Euan McColm Euan McColm

The vindication of Kate Forbes

Humza Yousaf, Kate Forbes and Ash Regan during the 2023 leadership debate (Photo: Getty)

So much for Scotland being the home of ‘radical’ progressive politics. 

After almost two decades of the Scottish National party saying that Scots are fundamentally different to their neighbours – wiser, more compassionate, just generally better – the party now reckons Scottish voters might just share the same priorities as those south of the border. 

First, SNP members selected 60-year-old former deputy first minister John Swinney – a self-declared centrist – as leader to replace the hapless Humza Yousaf. Members clearly wanted to bring some calm to a party riven with splits over independence strategy and policy priorities.

Then, shortly after Mr Swinney was sworn in as Scotland’s seventh first minister on Wednesday, it was announced that he has selected Kate Forbes to be his second-in-command. This is a recognition that Scotland is a far more ‘small c’ conservative nation than the priorities of recent SNP governments might suggest.

When Nicola Sturgeon stepped down as her party’s leader last year (prompting Swinney’s resignation as deputy first minister), Forbes was, along with Ash Regan and Humza Yousaf, one of three candidates to succeed her.

The victorious Yousaf was the continuity candidate, utterly loyal to his predecessor and determined to follow her priorities, including pushing forward hugely controversial legislation on gender equality.

Regan, something of a lightweight on policy, was the first candidate to fall in that race (shortly after defeat, she defected to the Alba party, established by former SNP leader Alex Salmond). But Forbes gave Yousaf a run for his money.

Early in the contest, Forbes – a devout member of the deeply socially conservative Free Church of Scotland – revealed that, had she been a member of parliament at the time, she would not have voted in favour of same-sex marriage.

Although Forbes insisted she had no desire to roll back any existing equality legislation, senior SNP figures were among those briefing heavily that she must not become leader.

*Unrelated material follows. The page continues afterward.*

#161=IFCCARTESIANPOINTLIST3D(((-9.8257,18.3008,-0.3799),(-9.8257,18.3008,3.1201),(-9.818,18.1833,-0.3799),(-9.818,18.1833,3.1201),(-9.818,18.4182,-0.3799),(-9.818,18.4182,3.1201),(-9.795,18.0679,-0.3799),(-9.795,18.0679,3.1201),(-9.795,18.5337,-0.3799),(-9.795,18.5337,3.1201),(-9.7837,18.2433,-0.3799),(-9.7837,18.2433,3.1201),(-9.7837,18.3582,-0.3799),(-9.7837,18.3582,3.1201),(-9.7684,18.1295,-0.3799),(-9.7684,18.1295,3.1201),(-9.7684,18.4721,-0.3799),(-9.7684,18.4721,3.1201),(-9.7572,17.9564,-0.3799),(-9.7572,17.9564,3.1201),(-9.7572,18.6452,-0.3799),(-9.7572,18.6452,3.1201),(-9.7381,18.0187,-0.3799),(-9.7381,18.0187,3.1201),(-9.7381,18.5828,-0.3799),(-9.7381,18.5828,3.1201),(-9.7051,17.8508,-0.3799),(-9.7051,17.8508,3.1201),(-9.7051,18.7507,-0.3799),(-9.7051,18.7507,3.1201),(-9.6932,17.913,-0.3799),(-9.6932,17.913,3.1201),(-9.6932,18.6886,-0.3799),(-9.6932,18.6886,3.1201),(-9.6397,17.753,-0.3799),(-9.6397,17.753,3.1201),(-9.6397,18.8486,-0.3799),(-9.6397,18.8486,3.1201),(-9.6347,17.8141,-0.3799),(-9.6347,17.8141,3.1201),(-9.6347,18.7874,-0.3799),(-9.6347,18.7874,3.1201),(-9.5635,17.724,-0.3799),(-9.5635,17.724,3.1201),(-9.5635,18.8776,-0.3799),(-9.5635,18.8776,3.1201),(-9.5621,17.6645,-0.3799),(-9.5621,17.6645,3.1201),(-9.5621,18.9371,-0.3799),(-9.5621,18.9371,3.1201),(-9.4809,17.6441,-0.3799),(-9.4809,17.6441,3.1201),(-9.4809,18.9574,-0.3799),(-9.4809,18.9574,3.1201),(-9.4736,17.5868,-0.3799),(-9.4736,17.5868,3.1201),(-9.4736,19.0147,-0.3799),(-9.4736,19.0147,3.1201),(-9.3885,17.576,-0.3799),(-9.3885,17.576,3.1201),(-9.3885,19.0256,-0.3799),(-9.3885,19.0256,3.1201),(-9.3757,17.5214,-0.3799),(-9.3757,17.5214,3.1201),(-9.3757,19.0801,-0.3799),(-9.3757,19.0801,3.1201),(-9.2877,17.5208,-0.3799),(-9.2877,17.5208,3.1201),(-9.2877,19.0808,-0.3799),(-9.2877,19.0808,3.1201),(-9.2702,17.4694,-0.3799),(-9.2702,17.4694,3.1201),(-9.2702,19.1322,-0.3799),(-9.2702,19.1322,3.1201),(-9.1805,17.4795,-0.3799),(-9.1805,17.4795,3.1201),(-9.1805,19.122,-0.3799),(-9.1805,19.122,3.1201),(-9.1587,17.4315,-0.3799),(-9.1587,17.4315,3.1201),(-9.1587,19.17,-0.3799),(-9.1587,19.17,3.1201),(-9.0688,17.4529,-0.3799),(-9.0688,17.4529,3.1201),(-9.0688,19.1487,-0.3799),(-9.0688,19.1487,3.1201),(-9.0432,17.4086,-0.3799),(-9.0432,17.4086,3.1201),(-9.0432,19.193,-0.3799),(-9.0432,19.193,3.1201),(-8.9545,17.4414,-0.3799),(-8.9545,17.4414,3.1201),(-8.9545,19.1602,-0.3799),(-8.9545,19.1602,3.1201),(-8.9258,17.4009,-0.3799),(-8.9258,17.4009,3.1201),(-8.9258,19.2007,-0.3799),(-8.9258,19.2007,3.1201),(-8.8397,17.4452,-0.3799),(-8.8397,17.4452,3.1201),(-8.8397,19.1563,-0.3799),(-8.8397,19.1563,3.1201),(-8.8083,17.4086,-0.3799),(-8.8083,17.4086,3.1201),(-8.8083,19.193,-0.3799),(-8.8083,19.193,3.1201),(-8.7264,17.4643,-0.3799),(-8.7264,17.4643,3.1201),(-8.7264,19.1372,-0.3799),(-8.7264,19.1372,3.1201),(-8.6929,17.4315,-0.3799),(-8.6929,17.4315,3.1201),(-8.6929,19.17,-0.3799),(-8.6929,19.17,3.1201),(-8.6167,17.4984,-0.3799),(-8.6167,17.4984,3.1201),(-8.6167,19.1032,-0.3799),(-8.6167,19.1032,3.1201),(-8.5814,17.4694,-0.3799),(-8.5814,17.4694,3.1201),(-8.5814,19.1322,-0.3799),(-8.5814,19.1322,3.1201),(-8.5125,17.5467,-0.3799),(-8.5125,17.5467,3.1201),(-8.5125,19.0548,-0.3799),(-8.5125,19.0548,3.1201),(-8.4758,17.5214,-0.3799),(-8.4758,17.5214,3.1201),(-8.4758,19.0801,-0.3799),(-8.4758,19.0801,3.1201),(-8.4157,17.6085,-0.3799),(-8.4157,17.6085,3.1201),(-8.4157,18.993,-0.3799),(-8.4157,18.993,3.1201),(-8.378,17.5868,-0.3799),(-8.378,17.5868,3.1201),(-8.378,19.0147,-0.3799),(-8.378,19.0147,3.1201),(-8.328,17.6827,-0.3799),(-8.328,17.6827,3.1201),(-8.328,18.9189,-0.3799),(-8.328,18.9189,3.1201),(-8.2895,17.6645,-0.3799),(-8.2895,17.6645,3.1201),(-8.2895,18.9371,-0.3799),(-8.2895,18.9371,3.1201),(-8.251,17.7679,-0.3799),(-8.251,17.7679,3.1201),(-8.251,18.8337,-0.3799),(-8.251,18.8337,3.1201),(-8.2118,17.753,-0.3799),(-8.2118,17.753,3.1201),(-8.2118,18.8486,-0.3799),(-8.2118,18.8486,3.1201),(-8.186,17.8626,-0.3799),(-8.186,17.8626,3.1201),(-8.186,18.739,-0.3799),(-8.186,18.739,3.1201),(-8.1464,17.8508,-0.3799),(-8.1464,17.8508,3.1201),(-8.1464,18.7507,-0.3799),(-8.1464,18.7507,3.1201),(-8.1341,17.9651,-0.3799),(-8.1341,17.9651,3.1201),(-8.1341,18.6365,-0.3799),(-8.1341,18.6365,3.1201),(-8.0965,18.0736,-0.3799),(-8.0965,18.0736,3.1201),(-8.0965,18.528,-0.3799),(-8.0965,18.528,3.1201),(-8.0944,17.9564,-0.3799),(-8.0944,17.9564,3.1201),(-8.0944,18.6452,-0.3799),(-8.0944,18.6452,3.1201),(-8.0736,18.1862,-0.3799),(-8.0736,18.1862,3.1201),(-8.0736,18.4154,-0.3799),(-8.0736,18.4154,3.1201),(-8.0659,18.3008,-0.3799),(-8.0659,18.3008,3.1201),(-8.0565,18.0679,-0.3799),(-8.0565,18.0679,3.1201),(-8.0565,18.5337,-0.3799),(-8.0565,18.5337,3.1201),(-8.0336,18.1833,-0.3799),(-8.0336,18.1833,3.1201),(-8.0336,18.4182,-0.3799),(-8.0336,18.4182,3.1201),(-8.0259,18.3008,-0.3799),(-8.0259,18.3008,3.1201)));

Yousaf ended up winning the leadership by just 52 to 48 per cent and, rather than clasping former finance secretary Forbes close, offered her a demotion she was compelled – correctly – to reject.

The tight result though brought to an end the myth that the SNP is a party of the radical left. In fact, a great many of its members were – and remain – entirely comfortable with Forbes’s rather out-of-date views.

While Yousaf blundered through a miserable year of leadership, which included major developments in a police investigation into SNP finances, Forbes sat on the backbenches, her reputation for competence growing on the basis that things couldn’t get any worse than they were.

Forbes’s views remain an issue for colleagues. Indeed, a key factor in Swinney’s decision to return from the political twilight was the fear among senior figures that she might win a contest to succeed Yousaf and, in the process, create yet more division in a party already in crisis.

Along with her views on gay marriage, Forbes is no fan of the SNP’s obsession with gender ideology. She has expressed concerns about the failed plan to reform the Gender Recognition Act and is sympathetic to the views of feminist campaigners who worry about the impact on women’s rights of trans rights.

The SNP’s former government partners, the Scottish Greens, made it clear last week – without naming her – that they would struggle to work with First Minister Forbes. While the choice of Yousaf’s replacement was for the SNP, the Greens wanted to see someone who shared their priorities.

Forbes does not come near to living up to the ‘standards’ set by the crank Greens, whose focus on the environment has long since been eclipsed by their desire to push forward contentious legislation backed by government-funded equality groups.

The appointment of Kate Forbes to the second most powerful position in government will infuriate many on the nationalist left. But the truth is she represents the views of a great many Scots – including half the members of the SNP.